C'est bien connu: toute crise est source d'opportunité. Thierry Huart-Eeckhoudt (à droite sur notre photo), entrepreneur très actif au sein de l'écosystème belge des start-up, en apporte une nouvelle preuve, ce jeudi. Alors qu'il planche depuis quelques mois sur la création de Startup Vie, un nouveau média 100% vidéo et audio dédié aux start-up belges, il a décidé de sortir du bois dès aujourd'hui (les contenus médias seront, eux, lancés en septembre). Dans le contexte de pandémie du Covid-19, Startup Vie veut mettre à l’honneur les start-up belges qui proposent des solutions concrètes et gratuites pour aider les citoyens. " Plus de 30 start-up belges ont déjà témoigné leur soutien civique par la mise en place d’actions concrètes. Nous avons décidé d’en informer le grand public sur notre site. Nous espérons que ce nombre dépassera la centaine en fin de semaine", nous indique Thierry Huart-Eeckhoudt.

La Libre Eco ayant pris l'initiative, dès mercredi, de faire aussi connaître toutes les start-up ayant pris des initiatives pour venir en aide à la population belge, nous avons décidé de nous associer au projet Covid-19 de Startup Vie (voir ci-dessous). On se souviendra que La Libre Eco avait déjà apporté son soutien à Startup Vie , en juin 2019, lorsqu'une première mouture du projet avait été lancée.

Lancement d'une campagne de financement participatif

Au-delà de la crise sanitaire actuelle, l'objectif de Startup Vie est de faire évoluer l'image de l'entrepreneuriat en Belgique en partageant l'expérience d'entrepreneurs afin de sensibiliser les futurs entrepreneurs à la réalité du terrain. Et ce, en utilisant le langage des start-up et en reflétant leur quotidien sans filtre ni langue de bois. " Startup Vie entre dans les coulisses du monde de l’entrepreneuriat belge , insiste Thierry Huart-Eeckhoudt. Notre média veut faire évoluer la perception qu’a le grand public de l’entrepreneur. Il ne s’agit plus uniquement d’un universitaire de 35 ans. Notre ambition est d’œuvrer à davantage de diversité dans l’écosystème et d’attirer les plus jeunes" . Concrètement, des interviews et des podcasts d’entrepreneurs seront réalisés et diffusés en ligne sur le site de Startup Vie ( www.startupvie.co ).
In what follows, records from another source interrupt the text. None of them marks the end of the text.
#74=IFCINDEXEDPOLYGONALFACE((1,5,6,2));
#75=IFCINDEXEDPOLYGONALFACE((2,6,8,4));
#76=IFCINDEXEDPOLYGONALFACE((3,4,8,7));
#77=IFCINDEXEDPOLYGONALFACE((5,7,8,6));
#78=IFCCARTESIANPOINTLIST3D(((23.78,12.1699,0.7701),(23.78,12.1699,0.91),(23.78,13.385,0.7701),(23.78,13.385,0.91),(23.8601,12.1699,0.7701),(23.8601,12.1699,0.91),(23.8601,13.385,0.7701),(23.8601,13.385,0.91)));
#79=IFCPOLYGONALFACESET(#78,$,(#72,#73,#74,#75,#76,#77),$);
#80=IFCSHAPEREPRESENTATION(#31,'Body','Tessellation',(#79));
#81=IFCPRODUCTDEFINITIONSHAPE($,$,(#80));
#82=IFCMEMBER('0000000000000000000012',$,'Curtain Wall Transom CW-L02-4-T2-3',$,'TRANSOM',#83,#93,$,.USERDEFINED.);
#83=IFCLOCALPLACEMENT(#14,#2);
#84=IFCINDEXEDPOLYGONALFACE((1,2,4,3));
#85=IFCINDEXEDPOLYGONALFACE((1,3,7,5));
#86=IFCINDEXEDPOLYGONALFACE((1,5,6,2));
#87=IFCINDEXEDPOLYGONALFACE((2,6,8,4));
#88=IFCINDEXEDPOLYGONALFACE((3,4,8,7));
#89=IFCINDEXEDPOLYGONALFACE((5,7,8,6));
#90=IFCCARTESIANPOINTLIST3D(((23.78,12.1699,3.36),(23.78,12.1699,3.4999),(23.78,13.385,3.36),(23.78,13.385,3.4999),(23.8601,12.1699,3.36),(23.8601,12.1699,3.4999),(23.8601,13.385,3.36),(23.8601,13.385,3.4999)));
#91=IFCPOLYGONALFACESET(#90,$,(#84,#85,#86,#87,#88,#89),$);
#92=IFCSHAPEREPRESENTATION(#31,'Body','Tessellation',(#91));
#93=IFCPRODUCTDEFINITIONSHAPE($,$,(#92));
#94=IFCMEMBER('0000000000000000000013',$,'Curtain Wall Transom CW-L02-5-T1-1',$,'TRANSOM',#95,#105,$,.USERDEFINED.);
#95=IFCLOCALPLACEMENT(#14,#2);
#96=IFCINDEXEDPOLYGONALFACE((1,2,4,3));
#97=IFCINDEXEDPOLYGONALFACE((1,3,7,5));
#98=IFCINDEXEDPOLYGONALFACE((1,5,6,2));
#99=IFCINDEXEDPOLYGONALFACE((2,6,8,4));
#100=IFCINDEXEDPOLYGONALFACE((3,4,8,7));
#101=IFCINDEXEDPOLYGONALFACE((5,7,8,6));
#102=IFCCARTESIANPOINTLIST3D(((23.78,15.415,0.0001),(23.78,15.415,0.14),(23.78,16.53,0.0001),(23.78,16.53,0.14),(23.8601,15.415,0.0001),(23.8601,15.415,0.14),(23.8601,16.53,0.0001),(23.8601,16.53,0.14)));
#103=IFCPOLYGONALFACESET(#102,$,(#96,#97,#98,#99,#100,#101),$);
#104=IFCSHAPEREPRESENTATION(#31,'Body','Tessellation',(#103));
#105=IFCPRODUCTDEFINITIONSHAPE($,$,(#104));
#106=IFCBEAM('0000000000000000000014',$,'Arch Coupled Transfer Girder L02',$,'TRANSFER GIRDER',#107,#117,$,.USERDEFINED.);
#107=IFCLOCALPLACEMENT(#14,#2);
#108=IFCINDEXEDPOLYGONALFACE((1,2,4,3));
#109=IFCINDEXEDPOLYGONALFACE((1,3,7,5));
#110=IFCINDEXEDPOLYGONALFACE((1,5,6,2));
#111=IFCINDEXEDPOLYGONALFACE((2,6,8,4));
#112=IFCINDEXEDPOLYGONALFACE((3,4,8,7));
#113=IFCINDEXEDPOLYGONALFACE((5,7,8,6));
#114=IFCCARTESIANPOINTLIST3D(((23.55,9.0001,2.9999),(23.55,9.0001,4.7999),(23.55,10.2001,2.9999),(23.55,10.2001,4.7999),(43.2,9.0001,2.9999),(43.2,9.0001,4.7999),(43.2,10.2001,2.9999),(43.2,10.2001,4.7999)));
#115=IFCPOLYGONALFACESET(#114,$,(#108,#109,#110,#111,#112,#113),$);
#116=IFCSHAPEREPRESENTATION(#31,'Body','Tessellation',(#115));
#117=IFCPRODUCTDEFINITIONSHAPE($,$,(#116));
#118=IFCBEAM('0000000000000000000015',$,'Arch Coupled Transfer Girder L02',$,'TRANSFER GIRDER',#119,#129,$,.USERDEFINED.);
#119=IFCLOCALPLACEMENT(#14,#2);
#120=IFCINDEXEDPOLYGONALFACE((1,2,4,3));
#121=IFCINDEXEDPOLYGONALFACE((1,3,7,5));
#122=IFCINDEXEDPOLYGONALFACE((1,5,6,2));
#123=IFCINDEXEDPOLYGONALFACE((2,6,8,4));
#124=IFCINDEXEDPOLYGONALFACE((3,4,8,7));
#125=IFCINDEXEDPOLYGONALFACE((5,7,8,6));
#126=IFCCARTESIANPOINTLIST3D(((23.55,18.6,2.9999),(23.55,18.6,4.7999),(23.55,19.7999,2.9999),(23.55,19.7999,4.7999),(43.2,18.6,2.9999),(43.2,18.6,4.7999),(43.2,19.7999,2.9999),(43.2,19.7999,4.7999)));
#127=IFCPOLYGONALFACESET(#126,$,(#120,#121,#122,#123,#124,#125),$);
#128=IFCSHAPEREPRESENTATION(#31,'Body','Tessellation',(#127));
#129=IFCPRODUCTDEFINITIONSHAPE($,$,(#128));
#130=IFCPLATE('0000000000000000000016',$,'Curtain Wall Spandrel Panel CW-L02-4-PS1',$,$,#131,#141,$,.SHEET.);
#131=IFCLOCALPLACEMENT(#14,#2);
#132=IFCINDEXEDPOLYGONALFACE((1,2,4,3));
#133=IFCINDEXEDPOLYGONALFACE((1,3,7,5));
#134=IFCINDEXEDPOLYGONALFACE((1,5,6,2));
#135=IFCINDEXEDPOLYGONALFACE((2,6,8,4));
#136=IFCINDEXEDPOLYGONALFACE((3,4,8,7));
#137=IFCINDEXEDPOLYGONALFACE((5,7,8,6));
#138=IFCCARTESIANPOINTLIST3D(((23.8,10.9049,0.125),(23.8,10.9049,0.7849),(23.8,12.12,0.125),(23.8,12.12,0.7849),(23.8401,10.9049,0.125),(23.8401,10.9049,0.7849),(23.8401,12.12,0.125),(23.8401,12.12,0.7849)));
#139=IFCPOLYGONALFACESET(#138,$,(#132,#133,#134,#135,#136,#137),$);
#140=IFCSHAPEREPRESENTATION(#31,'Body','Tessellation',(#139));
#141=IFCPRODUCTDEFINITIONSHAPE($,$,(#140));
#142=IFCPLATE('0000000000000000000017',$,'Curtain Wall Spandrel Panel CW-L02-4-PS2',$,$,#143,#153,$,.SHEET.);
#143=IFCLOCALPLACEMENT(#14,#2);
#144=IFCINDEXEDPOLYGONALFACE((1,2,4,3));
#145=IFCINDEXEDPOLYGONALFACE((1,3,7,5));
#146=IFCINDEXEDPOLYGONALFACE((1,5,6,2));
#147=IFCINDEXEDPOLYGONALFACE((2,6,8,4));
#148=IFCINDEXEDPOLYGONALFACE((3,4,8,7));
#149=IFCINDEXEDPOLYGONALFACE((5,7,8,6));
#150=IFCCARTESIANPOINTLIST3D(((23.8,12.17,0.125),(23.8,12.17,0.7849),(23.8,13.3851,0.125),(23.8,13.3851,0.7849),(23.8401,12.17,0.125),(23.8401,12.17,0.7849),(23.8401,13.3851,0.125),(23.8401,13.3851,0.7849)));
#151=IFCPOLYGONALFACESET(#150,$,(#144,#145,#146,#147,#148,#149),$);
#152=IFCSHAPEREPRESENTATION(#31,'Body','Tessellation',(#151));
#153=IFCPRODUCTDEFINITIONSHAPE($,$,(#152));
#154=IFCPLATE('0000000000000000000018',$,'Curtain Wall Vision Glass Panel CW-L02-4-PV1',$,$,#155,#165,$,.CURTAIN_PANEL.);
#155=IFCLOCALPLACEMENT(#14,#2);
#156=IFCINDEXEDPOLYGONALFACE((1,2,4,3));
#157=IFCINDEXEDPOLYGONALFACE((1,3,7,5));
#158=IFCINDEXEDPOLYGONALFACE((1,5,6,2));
Startup Vie a opté pour un financement mixte de son activité. Un fonds d’investissement (Sambrinvest) et 30 fondateurs et CEO de start-up belges ont déjà apporté un montant de 280.000 pour le lancement de ses activités. (1) Il a aussi été décidé de recourir au financement participatif pour compléter l’apport initial de capital. La campagne de crowdfunding, orchestrée par Spreds (2), s'ouvre ce jeudi pour une durée de deux mois, avec un objectif de lever 120.000 euros supplémentaires. " Recourir au financement participatif, c’est informer le grand public de notre initiative innovante, toucher notre cible et obtenir leur soutien financier. Parmi les investisseurs figurent peut-être de futurs créateurs de startups" .

Dans un premier temps, Startup Vie se lancera en Belgique francophone. Il est prévu, ensuite, de se lancer sur de nouveaux territoires comme la Flandre et la France en 2021.

(1) Voici la liste des membres fondateurs de Startup Vie: Muriel Benard (Efarmz), Adrien Roose (Cowboy), Charles de Groote (sortlist), Dimitri De Boose (Bsit), Laurent Van Basselaere (Briq), Ludovic Chevalier (Speaky), Marc Jacobs (Hey), Olivier Tabery (Dedicated), Hugues Flament, Anne Prignon (Sambrinvest), Claire Munck (Be-angels), Caroline Basecqz (Smartbeam), Tanguy Goretti (Cowboy), Florent Coninck (Smartbeam), Baudouin de Troostembergh (Startup Factory), Vincent Battaglia (Ludus), Mathieu de Lophem (Skipr), Maxime Vukovic (A6K), Quentin Nyckmans (eFounders), Marc-Antoine Cajot (Monkey Bridge), Blaise Ortiz (Hozint), Bastien Leflere (Waio), Mathieu Bazelaire (La Niche), Jonathan Schockaert (Listminut), Denis Evlard (Reed), Thibaud Eleziere (eFounders), Vincent deconinck (Urtica) et David Van Tieghem (Seeder Fund).

(2) Le montant total de l'offre de la campagne de financement participatif est plafonné à 200.000 euros, calculé sur une période de douze mois. Chaque investisseur peut donner suite à l'offre pour un montant maximal de 5.000 euros.